It’s the Yuletide season, and Democrats are in a giving mood. Nancy Pelosi says the House’s tax-raising, Medicare-cutting, trillion-dollar-spending health bill is her “Christmas present to the American people.” In the Senate, Harry Reid is desperate to pass his version of health care reform before Santa begins his annual world tour. And President Obama will sign anything–and we mean anything–he can tout during next year’s State of the Union.
According to all the polls, however, the public sees the Democratic party as one of those well-intentioned but deeply flawed relatives who bestows on you green socks and a fruitcake, when what you really wanted for Christmas was Call of Duty: Modern Warfare 2. The bad news is that in politics all sales are final, and the money for the “present” comes out of your own pocket. The good news is there’s a gentleman in the Senate who can save the country from an Obamacare Christmas disaster. And not because he happens to celebrate Hanukkah.
Joe Lieberman of Connecticut, the independent Democrat, is the key man blocking a bad bill. Why? Simple arithmetic. If no Republican defects, then Harry Reid will need the support of all 60 senators who caucus with the Democrats to end debate and proceed to a final vote on health care. Last week the two most likely GOP defectors, Olympia Snowe and Susan Collins of Maine, both signaled they won’t support Reid’s bill. The loss of just one Democrat, therefore, will scuttle the “deal” Reid is cobbling together.
In the past, Lieberman has displayed the courage and independence necessary to tell his party it’s on the wrong track. In 1998, he pointed out that President Clinton’s affair with an intern was a moral transgression that deserved rebuke. From 2006 to 2008, when Democratic politicians and commentators ran away from an Iraq war that was going badly, Lieberman stuck with his principles and backed the surge of troops and counterinsurgency strategy that has put Iraq on the (bumpy) road to normalcy. Lieberman’s reward was a left-wing primary challenge in 2006 that succeeded in depriving him of the Democratic nomination. Running as an independent, he nevertheless won the general election. In doing so, he became even more free to do what’s right regardless of political calculation.
Unlike his steadfast support for American intervention in Iraq and Afghanistan, however, Lieberman’s current skepticism toward the Democratic health bills is shared by the public. The poll numbers are stunningly bad. Recent surveys conducted by Gallup, Quinnipiac, the New York Times/CBS, and CNN all show support for the pending legislation continuing to sink. Despite the Democrats’ and the president’s best efforts, the public seems convinced that Obamacare will increase taxes, deficits, and premiums and make health care worse.
Last week, in their frantic quest for a legislative victory, Senate Democrats decided to abandon the public option in favor of a scheme that would allow individuals between 55 and 64 years old to buy in to Medicare. Leave aside the propriety of trying to ram through the Senate a consequential piece of legislation, a major part of which hasn’t gone through committee mark-up or been thoroughly debated. The Medicare buy-in is the AIG of health care reform. It would pump even more money into an already failing enterprise, costing citizens even more for an ultimate bailout, in higher taxes, in the rationing of care, or both.

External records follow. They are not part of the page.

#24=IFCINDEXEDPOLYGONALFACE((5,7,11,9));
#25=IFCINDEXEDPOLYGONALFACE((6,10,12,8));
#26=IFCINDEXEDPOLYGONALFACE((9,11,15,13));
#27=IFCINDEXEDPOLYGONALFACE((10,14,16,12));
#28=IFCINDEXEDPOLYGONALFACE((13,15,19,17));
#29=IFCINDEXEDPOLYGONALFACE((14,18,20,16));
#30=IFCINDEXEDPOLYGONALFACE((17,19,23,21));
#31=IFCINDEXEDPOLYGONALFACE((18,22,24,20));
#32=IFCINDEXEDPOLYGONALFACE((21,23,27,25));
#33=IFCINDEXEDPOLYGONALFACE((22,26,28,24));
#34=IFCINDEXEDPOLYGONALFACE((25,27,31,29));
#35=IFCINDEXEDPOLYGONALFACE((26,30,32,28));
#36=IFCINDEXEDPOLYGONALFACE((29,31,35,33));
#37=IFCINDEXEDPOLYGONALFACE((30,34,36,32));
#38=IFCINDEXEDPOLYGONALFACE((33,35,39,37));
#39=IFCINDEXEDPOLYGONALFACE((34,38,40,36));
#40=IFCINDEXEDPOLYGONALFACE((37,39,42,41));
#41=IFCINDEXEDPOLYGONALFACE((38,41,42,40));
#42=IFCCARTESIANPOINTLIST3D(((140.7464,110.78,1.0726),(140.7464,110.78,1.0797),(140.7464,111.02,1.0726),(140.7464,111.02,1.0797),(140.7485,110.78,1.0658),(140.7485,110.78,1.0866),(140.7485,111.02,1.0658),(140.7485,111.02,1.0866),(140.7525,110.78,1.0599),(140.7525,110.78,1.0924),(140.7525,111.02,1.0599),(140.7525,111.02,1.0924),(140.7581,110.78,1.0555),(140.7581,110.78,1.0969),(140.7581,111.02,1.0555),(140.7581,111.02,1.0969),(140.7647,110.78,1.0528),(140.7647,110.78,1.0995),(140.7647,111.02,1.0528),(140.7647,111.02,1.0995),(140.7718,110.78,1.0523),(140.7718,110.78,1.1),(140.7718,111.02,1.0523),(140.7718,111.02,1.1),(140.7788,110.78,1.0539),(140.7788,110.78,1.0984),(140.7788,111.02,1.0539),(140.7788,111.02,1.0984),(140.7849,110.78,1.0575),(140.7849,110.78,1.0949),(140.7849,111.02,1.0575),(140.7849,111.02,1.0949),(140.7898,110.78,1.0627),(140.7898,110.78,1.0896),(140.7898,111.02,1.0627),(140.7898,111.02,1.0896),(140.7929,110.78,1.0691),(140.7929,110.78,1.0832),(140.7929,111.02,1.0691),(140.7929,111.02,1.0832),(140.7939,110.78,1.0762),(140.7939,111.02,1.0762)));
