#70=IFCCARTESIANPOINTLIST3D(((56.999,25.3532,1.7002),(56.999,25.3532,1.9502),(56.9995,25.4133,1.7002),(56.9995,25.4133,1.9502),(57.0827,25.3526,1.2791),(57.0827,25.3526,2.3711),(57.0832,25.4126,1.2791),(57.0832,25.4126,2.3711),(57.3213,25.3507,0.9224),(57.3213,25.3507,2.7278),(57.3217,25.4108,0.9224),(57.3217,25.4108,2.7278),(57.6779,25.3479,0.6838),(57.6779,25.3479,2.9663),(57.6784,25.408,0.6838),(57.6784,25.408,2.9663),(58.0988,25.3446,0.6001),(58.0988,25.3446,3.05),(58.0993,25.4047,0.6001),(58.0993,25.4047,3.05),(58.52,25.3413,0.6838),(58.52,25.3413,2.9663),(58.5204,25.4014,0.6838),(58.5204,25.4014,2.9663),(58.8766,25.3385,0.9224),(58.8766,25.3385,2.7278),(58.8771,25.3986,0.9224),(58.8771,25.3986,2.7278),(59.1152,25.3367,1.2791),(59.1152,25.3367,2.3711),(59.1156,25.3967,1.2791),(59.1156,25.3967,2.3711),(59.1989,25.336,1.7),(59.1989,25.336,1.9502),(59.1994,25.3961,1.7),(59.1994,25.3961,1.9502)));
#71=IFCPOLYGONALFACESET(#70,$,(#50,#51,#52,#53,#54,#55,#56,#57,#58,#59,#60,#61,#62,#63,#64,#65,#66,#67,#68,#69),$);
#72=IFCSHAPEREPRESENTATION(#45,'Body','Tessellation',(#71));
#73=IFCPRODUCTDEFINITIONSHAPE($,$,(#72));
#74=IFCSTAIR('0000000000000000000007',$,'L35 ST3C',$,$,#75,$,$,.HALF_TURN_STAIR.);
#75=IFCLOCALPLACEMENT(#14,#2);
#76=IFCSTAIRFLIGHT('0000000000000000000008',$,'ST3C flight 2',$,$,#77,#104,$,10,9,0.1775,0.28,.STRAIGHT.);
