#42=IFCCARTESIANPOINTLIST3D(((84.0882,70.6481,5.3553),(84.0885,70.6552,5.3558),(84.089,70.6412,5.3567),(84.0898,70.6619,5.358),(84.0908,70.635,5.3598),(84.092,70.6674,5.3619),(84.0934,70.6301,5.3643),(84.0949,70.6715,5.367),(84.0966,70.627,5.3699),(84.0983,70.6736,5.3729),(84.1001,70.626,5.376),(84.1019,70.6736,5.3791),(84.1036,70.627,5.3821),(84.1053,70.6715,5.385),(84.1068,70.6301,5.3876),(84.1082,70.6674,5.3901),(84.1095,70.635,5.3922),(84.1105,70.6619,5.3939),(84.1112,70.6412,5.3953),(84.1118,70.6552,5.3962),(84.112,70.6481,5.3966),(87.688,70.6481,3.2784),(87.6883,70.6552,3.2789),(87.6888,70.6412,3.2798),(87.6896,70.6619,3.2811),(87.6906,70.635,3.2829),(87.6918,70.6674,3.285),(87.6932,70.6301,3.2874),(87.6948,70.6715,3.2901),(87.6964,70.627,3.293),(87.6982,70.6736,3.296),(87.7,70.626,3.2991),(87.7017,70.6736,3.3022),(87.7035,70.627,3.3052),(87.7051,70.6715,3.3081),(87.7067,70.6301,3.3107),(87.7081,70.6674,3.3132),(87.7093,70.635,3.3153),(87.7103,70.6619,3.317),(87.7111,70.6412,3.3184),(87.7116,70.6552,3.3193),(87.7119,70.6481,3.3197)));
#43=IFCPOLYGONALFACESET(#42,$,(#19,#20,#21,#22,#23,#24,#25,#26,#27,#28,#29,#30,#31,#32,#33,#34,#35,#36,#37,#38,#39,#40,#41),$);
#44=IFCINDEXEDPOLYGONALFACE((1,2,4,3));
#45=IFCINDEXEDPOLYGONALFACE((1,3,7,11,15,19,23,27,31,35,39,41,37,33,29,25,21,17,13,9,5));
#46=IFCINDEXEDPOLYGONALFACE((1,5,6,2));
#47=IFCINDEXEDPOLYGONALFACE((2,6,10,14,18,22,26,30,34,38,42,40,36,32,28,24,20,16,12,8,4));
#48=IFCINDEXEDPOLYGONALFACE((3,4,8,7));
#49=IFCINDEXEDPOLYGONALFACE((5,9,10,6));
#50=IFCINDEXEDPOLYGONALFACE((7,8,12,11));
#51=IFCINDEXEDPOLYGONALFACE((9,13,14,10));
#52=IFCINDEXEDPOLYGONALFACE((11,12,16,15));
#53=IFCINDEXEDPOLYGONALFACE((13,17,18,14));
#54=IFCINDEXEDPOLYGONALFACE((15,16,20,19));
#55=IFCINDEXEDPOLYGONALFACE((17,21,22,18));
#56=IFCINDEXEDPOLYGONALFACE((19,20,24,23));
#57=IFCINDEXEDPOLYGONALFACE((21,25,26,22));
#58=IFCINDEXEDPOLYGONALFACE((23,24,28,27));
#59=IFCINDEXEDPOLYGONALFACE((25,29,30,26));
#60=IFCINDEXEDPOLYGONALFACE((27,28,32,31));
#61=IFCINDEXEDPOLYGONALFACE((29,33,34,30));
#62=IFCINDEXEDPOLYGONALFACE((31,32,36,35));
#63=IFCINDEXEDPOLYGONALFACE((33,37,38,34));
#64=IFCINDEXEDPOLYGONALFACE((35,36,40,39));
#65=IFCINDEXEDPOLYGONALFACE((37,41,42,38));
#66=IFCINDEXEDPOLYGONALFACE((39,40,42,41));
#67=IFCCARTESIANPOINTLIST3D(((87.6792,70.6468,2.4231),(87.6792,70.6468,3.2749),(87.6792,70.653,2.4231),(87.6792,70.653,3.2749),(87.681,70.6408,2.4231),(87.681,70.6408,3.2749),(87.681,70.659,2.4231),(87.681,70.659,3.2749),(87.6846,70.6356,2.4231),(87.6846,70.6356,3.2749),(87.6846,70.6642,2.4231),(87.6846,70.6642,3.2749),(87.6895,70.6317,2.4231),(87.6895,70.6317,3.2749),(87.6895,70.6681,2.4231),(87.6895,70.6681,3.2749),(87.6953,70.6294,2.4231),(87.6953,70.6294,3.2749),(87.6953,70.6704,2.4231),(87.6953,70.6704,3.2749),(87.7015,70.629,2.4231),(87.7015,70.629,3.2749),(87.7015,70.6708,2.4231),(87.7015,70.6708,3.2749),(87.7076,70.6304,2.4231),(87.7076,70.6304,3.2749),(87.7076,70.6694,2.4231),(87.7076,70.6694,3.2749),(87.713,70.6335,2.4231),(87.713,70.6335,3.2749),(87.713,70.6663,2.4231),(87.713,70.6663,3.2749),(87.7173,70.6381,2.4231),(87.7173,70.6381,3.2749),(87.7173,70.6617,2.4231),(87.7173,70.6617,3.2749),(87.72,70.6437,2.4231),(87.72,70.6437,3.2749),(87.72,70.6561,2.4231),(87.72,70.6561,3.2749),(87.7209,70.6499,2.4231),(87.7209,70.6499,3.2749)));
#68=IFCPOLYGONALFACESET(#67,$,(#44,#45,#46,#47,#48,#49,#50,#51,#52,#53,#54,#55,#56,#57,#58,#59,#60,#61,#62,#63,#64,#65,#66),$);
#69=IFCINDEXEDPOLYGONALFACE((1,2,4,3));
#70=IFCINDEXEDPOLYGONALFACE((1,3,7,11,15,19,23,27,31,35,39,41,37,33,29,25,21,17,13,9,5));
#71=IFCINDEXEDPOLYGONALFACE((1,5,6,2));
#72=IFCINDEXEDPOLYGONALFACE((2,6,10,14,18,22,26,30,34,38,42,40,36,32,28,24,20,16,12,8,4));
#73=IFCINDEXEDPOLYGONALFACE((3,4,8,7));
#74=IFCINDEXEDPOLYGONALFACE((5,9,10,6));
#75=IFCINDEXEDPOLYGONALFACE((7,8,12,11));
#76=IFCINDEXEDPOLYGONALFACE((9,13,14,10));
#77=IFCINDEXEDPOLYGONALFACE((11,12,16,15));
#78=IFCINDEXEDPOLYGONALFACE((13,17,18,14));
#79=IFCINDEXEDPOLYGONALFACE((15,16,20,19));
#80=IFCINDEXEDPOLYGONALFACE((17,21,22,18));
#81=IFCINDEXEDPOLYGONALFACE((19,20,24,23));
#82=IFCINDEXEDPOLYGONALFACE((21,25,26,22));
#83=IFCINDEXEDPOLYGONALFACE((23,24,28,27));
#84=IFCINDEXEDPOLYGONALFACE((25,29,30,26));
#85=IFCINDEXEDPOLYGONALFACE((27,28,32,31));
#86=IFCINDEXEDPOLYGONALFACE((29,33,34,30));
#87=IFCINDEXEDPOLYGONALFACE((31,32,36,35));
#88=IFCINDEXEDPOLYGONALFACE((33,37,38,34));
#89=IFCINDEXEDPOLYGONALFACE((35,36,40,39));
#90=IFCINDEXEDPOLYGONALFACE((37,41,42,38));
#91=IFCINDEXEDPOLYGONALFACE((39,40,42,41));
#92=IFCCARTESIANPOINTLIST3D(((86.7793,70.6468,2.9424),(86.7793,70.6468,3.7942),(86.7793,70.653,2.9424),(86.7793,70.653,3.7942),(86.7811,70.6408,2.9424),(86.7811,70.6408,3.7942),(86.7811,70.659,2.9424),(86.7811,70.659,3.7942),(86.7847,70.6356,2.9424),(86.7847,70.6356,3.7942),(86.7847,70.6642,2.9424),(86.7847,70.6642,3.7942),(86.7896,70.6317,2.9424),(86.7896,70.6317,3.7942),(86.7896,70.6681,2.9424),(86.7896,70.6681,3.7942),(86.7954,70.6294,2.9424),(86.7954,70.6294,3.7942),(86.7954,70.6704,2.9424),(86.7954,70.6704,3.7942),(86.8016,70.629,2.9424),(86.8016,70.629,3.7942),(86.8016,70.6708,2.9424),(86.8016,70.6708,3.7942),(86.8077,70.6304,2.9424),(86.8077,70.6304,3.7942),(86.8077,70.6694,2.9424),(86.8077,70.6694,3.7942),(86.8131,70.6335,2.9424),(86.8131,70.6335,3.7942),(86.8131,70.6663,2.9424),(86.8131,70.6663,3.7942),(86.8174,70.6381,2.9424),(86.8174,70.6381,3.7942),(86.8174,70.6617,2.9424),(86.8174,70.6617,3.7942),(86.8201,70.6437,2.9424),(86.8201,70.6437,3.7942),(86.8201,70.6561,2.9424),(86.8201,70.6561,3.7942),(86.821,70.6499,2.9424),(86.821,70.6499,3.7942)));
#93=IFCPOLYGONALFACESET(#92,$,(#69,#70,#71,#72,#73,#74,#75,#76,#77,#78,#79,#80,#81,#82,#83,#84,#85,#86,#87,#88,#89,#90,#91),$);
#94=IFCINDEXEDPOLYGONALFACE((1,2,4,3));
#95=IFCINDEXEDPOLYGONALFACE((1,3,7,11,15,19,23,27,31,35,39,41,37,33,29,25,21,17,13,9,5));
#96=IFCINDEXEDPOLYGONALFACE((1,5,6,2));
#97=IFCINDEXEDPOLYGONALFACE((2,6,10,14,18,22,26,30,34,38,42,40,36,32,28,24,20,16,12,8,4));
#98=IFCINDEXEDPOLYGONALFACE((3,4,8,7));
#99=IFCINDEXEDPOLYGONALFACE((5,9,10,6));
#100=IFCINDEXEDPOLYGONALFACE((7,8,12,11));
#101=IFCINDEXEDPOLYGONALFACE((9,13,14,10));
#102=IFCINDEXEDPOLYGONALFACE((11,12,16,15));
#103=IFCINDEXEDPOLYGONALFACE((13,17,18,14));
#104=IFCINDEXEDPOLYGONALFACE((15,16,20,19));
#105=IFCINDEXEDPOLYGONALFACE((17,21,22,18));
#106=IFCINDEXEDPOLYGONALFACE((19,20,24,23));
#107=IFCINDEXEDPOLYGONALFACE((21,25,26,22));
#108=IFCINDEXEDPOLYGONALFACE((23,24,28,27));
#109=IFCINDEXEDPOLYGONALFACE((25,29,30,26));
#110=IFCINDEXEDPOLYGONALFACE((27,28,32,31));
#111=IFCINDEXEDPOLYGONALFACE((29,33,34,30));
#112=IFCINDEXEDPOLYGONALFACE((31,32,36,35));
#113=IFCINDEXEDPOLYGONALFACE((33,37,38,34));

It would create an adverse-selection problem where the only folks buying in are high-risk and thus more expensive to insure. And it would replace the public option–which liberals always viewed as a step toward single-payer health care–with, well, single-payer health care. No wonder Paul Krugman and Howard Dean are happy. No wonder Lieberman has “increasing concerns.”
Nor is he alone. A small group of red state Democratic senators are also wary of Reid’s bill, we hear. But they are hedging. No one wants to be the first to say he or she will oppose the president’s top domestic priority. Who is the bold, courageous voice speaking for the country? If Lieberman blows the whistle, surely other Democrats, who know how bad this legislation really is, will follow. Someone has to go first. That’s Joe. And then bipartisan majorities can pass sensible health care reforms next year. That’s what we call Joementum.